Does anyone do no stirrup work regularly and have you found it has made some improvements? 

To add the pony is a 13.1hh fell so it's a not the smoothest trot in the world - more like a speedy space hopper!!

Thanks
		
Click to expand...

you don't have to do sitting trot without stirrups if your worried about bouncing around rising trot without stirrups does wonders for toning


----------



## Twiglet (31 October 2013)

I warm up (me and horse) in walk with no stirrups, take them back for trot warm up, then try and do 5-10 minutes without....although I'm aware that it's only relatively recently he's been strong enough to maintain extended bouts of sitting trot. 

Improving core strength can't be underestimated - lots of ways to do it that could fit into your everyday life - and it is likely to help your lower leg too. 
Try some pilates (a good teacher will tailor exercises for riding), work on a swiss ball, swimming (I tend to do 20 minutes front crawl only arms, with a float between my knees - trying to keep hips stable whilst doing that is very intense core workout!), and generally work on your posture and balance.


----------



## Brightbay (31 October 2013)

Cloball said:



			you don't have to do sitting trot without stirrups if your worried about bouncing around rising trot without stirrups does wonders for toning 

Click to expand...

Agree with this - the best workout I get these days is posting to trot when riding on the bareback pad   OMG, it reaches muscles other exercise doesn't touch!


----------



## nikkimariet (31 October 2013)

I ride without stirrups for around 45 mins once a week.
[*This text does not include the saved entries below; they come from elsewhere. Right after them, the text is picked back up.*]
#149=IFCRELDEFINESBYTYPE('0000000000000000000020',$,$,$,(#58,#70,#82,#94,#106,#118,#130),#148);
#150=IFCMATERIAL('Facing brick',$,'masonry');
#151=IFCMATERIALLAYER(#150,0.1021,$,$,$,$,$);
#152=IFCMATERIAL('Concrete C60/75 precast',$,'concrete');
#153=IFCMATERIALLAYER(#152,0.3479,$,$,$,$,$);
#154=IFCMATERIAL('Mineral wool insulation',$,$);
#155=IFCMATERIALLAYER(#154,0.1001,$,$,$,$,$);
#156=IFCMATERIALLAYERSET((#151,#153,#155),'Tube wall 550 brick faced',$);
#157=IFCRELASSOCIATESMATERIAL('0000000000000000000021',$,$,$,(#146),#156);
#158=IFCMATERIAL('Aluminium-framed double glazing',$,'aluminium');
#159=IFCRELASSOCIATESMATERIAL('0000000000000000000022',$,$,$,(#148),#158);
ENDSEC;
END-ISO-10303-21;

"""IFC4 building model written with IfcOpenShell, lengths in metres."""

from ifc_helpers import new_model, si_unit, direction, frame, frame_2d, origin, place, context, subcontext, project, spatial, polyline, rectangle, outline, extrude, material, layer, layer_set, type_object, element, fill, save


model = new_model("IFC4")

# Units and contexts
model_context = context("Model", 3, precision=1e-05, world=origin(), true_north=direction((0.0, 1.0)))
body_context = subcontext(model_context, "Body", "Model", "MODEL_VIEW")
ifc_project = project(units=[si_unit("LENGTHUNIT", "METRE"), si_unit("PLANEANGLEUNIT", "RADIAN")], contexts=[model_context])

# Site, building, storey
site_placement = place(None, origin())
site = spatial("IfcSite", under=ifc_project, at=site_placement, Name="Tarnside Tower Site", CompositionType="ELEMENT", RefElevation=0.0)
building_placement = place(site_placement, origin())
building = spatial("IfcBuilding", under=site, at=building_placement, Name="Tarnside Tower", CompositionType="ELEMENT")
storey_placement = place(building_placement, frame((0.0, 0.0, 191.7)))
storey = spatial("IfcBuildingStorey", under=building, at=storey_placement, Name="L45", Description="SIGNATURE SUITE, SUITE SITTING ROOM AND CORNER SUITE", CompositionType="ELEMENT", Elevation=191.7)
Helps my seat, balance and feel as well as general fitness.


----------



## Shutterbug (31 October 2013)

Any work without stirrups is good for you - even walking around the school for 10 mins without stirrups has benefits and is a good place to start on your own horse. I started taking lunge lessons without stirrups or reins on a school master at my local riding school to try and work my core - then I transferred over to my own, very very bouncy WB in lessons with my own RI, and did some lunge work with him without stirrups before moving on to schooling without stirrups - I can manage a slow sitting trot and rising trot without stirrups but cannot canter him without stirrups as he just bounces me right out the saddle on the downward transition haha - but its worked wonders for my core - has helped my stability when jumping and made me straighter in the saddle


----------



## Blythe Spirit (31 October 2013)

I ride without stirrups whenever I do flat-work after hacking or jumping the day before - which is about twice a week. I just find that it reminds my legs that they can do long as well as short! I am always amazed what a difference 10 mins makes after that time my flat-work length feels normal again (and jumping length feels impossibly short again!)


----------



## Joandripple (5 September 2014)

nikkimariet said:



			I ride without stirrups for around 45 mins once a week.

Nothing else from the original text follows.